Bou Somaly, a 43-year-old mother of one, recently divorced her husband. In the process, she lost her son. Phnom Penh Municipal Court awarded custody of the boy, La Sany, to his father, in what Bou Somaly says was an arbitrary decision.

Bou Somaly, who has filed a complaint with the rights group Licadho seeking help in her case, says she was asked to bring her son to the court. She did, and when La Sany saw his father, he ran to him and hugged him.

“The judge asked him, ‘Do you like your father?’” Bou Somaly recalled in a phone interview recently.

When the boy nodded, the court gave him over to his dad.

It may be too late for Bou Somaly to regain custody of her son, but she says other women might be spared such separation under a new draft law for separations and other disputes.

The drafted Family Dispute Law clarifies divorce procedures in the courts. It allows property to be divvied out by judges, or seized before it is sold off.

It also clarifies how the courts should determine child custody.

“The mother has the right to look after a four-year-old,” Bou Somaly said.

According to the new law, the courts should award a child to the mother up to the age of six, about the time he or she enters school, or the age when a child “knows right from wrong.”
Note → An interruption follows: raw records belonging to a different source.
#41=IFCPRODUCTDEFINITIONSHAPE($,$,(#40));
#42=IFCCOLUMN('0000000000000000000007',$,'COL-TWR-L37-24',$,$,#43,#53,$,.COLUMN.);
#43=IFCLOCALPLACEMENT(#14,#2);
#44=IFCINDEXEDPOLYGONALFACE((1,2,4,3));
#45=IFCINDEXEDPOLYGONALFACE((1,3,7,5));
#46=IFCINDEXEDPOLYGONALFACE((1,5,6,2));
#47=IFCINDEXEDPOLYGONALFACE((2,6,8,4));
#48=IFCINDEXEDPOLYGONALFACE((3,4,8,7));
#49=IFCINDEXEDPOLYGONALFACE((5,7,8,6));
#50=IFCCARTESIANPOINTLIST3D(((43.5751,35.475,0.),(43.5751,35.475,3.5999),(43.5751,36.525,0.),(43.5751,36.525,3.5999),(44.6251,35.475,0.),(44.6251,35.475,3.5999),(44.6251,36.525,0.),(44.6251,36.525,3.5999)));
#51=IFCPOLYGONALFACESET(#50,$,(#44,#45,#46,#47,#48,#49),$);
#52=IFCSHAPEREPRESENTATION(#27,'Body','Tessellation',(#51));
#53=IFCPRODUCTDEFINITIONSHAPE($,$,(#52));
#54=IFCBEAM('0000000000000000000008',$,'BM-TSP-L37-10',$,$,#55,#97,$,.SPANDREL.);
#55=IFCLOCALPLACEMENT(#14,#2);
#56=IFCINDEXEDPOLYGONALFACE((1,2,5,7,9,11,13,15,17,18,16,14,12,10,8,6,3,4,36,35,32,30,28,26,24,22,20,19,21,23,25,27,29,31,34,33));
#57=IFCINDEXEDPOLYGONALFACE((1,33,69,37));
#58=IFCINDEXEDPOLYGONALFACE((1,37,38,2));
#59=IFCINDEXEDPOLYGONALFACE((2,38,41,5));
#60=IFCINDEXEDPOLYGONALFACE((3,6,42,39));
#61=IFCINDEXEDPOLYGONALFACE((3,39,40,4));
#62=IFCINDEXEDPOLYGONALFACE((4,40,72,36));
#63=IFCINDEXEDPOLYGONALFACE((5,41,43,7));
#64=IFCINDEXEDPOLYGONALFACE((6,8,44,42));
Bou Somaly said she hopes to have a chance to appeal her case under those rules.

The draft was passed by the National Assembly April 26 and has yet to be signed into law. It must also be promulgated through the courts. But already it has some women hoping they will get a fair shake in a system that is typically skewed toward husbands and fathers.
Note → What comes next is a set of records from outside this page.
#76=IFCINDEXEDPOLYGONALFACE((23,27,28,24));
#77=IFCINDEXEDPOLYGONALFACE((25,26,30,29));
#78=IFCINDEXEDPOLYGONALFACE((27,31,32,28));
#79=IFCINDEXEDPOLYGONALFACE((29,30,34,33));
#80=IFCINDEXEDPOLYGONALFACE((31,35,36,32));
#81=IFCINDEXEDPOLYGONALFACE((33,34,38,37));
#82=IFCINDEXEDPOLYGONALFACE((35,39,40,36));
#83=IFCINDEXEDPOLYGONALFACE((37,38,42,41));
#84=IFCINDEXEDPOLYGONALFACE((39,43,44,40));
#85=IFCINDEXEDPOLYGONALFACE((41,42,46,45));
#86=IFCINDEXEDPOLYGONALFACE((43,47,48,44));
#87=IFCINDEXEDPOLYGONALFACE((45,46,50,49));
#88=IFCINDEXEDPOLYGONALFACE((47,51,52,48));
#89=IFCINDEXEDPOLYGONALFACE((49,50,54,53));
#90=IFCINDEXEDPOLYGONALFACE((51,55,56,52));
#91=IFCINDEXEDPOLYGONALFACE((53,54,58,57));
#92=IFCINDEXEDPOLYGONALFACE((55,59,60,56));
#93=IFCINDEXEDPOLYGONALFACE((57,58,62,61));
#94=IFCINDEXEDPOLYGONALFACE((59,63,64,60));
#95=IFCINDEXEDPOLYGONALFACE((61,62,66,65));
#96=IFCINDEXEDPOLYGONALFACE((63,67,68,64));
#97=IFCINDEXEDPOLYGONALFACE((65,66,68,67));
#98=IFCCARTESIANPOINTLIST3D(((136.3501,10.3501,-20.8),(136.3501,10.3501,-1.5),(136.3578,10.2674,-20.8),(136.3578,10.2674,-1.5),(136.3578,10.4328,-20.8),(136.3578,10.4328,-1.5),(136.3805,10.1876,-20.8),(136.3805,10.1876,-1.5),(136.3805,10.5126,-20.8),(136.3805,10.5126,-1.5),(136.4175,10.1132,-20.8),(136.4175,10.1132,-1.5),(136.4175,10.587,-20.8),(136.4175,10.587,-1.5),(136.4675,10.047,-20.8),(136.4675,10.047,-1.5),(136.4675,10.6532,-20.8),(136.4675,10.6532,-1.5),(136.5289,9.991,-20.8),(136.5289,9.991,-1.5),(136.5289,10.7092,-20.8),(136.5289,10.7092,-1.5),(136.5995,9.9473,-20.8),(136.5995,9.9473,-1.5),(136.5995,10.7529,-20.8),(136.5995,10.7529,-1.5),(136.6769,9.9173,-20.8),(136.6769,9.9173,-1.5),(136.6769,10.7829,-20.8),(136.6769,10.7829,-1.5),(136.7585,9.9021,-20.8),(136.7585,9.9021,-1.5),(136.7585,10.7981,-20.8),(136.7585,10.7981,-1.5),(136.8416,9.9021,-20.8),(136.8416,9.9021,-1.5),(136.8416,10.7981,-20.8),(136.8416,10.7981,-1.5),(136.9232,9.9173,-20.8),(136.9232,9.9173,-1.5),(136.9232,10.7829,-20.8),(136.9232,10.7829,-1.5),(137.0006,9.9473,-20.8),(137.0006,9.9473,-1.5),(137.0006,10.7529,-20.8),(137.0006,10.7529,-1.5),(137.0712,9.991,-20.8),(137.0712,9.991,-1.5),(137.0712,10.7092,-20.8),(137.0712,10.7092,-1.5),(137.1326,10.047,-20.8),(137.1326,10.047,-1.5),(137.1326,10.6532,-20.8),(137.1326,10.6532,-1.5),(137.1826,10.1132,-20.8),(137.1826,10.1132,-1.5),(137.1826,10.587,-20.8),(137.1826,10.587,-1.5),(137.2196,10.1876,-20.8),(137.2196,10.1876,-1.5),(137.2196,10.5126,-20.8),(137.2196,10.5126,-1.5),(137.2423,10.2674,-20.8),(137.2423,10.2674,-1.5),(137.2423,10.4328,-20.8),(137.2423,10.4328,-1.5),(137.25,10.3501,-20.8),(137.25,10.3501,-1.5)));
Lam Arun, a 31-year-old mother of two who has filed for divorce at Phnom Penh Municipal Court, to leave her allegedly abusive husband, says she wants to have a hearing under the new law. With it, she hopes to have custody of her children and a fair share of the couple’s property.

“The new law will help provide justice to my case,” she told VOA Khmer as she waited outside court Tuesday.
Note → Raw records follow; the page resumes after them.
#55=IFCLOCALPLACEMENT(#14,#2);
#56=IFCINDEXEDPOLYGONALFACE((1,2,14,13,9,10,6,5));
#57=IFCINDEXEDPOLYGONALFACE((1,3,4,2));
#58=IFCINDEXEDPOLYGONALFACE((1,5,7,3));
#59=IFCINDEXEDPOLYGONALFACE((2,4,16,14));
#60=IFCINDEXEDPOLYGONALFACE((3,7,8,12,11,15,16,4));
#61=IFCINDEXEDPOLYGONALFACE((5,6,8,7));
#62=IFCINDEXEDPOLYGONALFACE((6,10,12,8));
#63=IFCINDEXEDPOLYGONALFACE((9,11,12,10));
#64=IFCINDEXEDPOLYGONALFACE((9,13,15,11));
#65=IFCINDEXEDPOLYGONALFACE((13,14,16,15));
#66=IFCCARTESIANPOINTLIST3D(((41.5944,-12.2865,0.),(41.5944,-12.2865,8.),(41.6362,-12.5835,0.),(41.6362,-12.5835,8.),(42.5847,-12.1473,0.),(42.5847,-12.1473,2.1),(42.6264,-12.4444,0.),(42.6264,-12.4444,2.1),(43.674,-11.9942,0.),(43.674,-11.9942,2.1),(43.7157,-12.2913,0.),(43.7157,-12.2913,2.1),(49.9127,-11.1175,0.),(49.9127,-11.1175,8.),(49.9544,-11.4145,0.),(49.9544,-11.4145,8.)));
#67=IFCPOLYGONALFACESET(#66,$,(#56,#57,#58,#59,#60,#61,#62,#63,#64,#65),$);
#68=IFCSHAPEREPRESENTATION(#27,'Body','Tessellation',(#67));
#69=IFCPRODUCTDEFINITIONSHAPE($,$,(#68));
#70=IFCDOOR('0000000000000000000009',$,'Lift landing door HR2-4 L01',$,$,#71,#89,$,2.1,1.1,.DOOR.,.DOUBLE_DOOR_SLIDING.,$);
Meas Sokunthea, a divorce lawyer for the Cambodian Defenders Project, said the new law is better than the past law because it provides “full, clear meaning” for parties and judges.

The law may be just in time, as some evidence points to growing dissatisfaction with divorce proceedings.

In 2009, Licadho received 155 reports from women who felt they’d been treated unfairly in their divorces. In the first three months of this year alone, the group has received 55.

Am Sam Ath, a lead investigator for Licadho, said that under the new law, those numbers could decline.

“The parties in divorces will receive fairness from the new law,” he said. “Because the court has the right to decisions in suspending property sales and can punish someone who violates the court order.”

Thong Saron, a Ratanakkiri provincial judge who has had to make divorce decisions in the past, said this week the new law will “make it comfortable and clear to judges, in order to make decisions in divorce cases more fairly than before.”

The former law had made it difficult for him to make decisions, he said, because Cambodians traditionally keep their money together. Now, he said, the court can confiscate property before either party sells their goods and pockets the money.